These are the key concepts you need to understand to accurately answer the question.

Isotope
An isotope refers to any of the different forms of atoms of the same element. These forms have the same number of protons but different numbers of neutrons.

For instance, take Lithium, which normally has 3 protons, as its atomic number is 3. An isotope like \(^8\text{Li}\) is distinguished by its total of 8 nucleons. When we subtract the number of protons, we find that there are 5 neutrons in \(^8\text{Li}\). Different isotopes of the same element behave differently in nuclear calculations, such as binding energy analysis.

Isotopes are crucial because they allow scientists to study atomic behavior in different nuclear and chemical reactions, highlighting the versatility and depth of chemical elements.
Mass Defect
The mass defect is the difference in mass between the measured atomic mass of an isotope and the sum of the individual masses of its constituent protons, neutrons, and electrons. It provides insight into how energy is released during nuclear reactions.

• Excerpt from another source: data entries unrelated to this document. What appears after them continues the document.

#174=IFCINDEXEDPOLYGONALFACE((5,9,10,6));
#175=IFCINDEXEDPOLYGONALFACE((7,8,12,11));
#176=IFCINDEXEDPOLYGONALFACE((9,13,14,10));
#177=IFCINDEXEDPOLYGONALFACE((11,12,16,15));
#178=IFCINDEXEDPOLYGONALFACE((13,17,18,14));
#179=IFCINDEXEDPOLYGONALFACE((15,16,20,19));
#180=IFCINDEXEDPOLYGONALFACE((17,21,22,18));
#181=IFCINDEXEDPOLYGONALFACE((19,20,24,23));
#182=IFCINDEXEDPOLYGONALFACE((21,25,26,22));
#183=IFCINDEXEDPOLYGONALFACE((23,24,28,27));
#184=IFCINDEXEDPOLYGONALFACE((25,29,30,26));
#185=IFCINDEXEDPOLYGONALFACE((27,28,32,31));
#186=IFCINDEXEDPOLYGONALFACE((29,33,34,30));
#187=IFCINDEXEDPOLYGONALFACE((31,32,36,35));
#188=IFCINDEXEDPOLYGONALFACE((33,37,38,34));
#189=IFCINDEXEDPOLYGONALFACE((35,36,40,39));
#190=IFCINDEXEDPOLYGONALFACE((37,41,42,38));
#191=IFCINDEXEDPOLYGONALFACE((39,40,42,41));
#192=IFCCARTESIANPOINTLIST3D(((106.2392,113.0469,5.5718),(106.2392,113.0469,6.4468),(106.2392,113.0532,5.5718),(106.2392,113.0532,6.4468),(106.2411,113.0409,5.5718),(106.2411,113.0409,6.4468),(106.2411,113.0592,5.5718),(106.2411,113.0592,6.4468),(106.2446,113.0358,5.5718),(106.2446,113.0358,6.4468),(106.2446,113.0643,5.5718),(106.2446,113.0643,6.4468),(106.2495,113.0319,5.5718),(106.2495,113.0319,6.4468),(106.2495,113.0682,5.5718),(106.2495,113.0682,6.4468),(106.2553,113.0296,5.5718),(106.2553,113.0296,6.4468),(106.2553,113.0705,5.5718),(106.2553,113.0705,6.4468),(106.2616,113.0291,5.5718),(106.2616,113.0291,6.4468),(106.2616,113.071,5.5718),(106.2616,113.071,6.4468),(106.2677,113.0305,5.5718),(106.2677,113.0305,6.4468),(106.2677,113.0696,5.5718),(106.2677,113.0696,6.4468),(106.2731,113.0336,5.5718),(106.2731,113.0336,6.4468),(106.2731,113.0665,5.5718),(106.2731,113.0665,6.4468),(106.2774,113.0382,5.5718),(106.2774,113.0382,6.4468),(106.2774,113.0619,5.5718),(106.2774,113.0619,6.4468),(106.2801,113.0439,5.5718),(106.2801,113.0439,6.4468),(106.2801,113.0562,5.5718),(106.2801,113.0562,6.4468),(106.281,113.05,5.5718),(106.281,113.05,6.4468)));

Calculating the mass defect involves summing the masses of protons and neutrons individually and subtracting the actual isotopic mass from this total.
  • The mass of 3 protons: \(3 \times 1.007276 \, \text{u}\)

  • The mass of 5 neutrons: \(5 \times 1.008665 \, \text{u}\)

The difference yields the mass defect, showing the mass converted into binding energy that helps hold the nucleus together. The mass defect is a clear indicator of the stability and binding within an atomic nucleus.
Mass-Energy Equivalence
Mass-energy equivalence is a fundamental concept introduced by Albert Einstein, described by the famous equation \(E=mc^2\). This equation tells us that mass can be converted into energy and vice versa.

In the context of binding energy calculations, the mass defect calculated from the isotopes can be used to find the energy released or required to hold that nucleus together.

To convert the mass defect into energy:
  • Multiply the mass defect by the speed of light squared (\(c^2\)).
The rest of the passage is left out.